Cour Administrative d'Appel de Nantes — Décision N° CAA44-25NT01035

mercredi 12 novembre 2025

JuridictionCour Administrative d'Appel de Nantes
SectionCour Administrative d'Appel de Nantes
N° DossierCAA44-25NT01035
TypeOrdonnance
Recoursexcès de pouvoir
PublicationD
FormationJuge des référés
Avocat requérantSELARL R & P AVOCATS OLIVIER RENARD

Texte intégral

Vu la procédure suivante :

Procédure contentieuse antérieure :

M. A... B... et Mme D... C... épouse B... ont demandé au tribunal administratif de Nantes d’annuler les arrêtés du 29 juin 2023 du préfet de Maine-et-Loire portant refus de titre de séjour, obligation de quitter le territoire français dans un délai de trente jours, fixation du pays de destination.

Par un jugement nos 2406262, 2406251 du 20 mars 2025, le tribunal administratif de Nantes a rejeté leurs demandes.
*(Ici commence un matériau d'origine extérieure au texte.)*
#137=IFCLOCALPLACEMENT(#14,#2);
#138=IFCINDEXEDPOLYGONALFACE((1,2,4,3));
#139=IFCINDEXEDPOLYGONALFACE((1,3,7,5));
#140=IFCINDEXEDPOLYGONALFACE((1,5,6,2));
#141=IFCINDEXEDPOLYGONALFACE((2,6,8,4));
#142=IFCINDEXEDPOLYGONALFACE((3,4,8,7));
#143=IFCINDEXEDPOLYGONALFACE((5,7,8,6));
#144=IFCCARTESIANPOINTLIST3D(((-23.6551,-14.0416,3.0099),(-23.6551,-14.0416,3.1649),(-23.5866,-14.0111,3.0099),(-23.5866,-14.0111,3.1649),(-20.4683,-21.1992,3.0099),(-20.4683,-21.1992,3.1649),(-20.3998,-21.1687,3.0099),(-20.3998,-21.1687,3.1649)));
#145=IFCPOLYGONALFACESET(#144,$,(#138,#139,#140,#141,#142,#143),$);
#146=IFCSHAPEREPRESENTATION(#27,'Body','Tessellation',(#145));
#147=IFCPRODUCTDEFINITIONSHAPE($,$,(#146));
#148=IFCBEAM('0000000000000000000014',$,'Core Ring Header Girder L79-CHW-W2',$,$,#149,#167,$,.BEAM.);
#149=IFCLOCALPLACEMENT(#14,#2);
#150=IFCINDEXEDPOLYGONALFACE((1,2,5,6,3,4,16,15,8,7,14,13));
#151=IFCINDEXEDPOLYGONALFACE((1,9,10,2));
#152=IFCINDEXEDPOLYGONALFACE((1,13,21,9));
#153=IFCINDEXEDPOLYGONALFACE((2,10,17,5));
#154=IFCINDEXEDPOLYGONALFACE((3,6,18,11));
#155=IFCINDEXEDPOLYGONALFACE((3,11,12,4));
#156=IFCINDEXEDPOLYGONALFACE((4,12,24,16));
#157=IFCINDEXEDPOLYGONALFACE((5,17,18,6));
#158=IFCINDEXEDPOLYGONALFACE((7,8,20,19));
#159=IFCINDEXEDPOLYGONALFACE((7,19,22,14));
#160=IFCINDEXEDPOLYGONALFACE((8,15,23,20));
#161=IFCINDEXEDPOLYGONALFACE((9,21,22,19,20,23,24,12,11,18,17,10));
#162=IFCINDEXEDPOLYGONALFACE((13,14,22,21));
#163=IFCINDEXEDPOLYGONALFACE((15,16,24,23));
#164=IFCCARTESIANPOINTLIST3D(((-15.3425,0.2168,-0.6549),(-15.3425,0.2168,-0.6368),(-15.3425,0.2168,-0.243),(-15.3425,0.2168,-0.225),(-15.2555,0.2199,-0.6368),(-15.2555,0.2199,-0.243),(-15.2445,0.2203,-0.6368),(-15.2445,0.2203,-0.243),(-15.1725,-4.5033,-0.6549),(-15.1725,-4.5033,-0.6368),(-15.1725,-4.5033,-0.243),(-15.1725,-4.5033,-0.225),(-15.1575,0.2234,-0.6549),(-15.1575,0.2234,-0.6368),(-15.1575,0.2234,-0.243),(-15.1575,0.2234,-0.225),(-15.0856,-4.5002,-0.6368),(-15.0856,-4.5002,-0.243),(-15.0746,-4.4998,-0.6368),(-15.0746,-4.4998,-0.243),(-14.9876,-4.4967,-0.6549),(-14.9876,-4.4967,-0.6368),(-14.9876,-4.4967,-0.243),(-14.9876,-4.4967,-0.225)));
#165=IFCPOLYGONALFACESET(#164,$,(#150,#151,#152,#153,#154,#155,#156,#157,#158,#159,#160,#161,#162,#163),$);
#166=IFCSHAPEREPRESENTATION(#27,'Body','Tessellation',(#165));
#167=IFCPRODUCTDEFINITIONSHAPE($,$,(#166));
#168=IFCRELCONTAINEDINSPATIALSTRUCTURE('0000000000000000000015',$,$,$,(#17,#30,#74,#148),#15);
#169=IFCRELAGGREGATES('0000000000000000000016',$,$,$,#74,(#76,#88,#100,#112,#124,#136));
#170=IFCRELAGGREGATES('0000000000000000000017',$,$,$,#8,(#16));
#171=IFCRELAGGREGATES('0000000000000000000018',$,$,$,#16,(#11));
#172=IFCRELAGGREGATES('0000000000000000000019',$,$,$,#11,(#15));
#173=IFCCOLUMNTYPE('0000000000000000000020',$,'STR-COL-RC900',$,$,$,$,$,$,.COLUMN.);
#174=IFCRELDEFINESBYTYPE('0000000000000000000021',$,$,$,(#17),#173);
Procédure devant la cour :

Par une requête et un mémoire, enregistrés les 11 avril 2025 et 16 mai 2025, M. B..., représenté par Me Renard, demande à la cour :

1°) d’annuler ce jugement du 20 mars 2025 du tribunal administratif de Nantes en tant qu’il a rejeté sa demande tendant à l’annulation de l’arrêté du 29 juin 2023 du préfet de Maine-et-Loire ;

2°) d’annuler l’arrêté du 29 juin 2023 du préfet de Maine-et-Loire ;

3°) d’enjoindre au préfet de Maine-et-Loire de lui délivrer un titre de séjour ou de réexaminer sa situation dans un délai d’un mois à compter de la notification de l’arrêt à intervenir, sous astreinte de 100 euros par jour de retard ;

4°) de mettre à la charge de l’Etat la somme de 1 800 euros au titre des dispositions des articles L. 761-1 du code de justice administrative et 37 de la loi du 10 juillet 1991.

Il soutient que :
- le jugement attaqué est insuffisamment motivé ;
- l’arrêté contesté n’est pas suffisamment motivé ;
- la décision portant refus de titre de séjour n’a pas été précédée d’un examen de sa situation ; elle méconnaît les dispositions des articles L. 423-23 et L. 435-1 du code de l’entrée et du séjour des étrangers et du droit d’asile ; elle méconnaît les stipulations de l’article 8 de la convention européenne de sauvegarde des droits de l’homme et des libertés fondamentales et celle du 1 de l’article 3 de la convention internationale relative aux droits de l’enfant ; elle est entachée d’une erreur manifeste d’appréciation ;
- la décision portant obligation de quitter le territoire français n’a pas été précédée d’un examen de sa situation ; elle doit être annulée par voie de conséquence de l’annulation de la décision portant refus de titre de séjour ; elle méconnaît les stipulations de l’article 8 de la convention européenne de sauvegarde des droits de l’homme et des libertés fondamentales et celle du 1 de l’article 3 de la convention internationale relative aux droits de l’enfant ; elle est entachée d’une erreur manifeste d’appréciation ;
- la décision fixant le pays de destination doit être annulée par voie de conséquence de l’annulation de la décision portant obligation de quitter le territoire français.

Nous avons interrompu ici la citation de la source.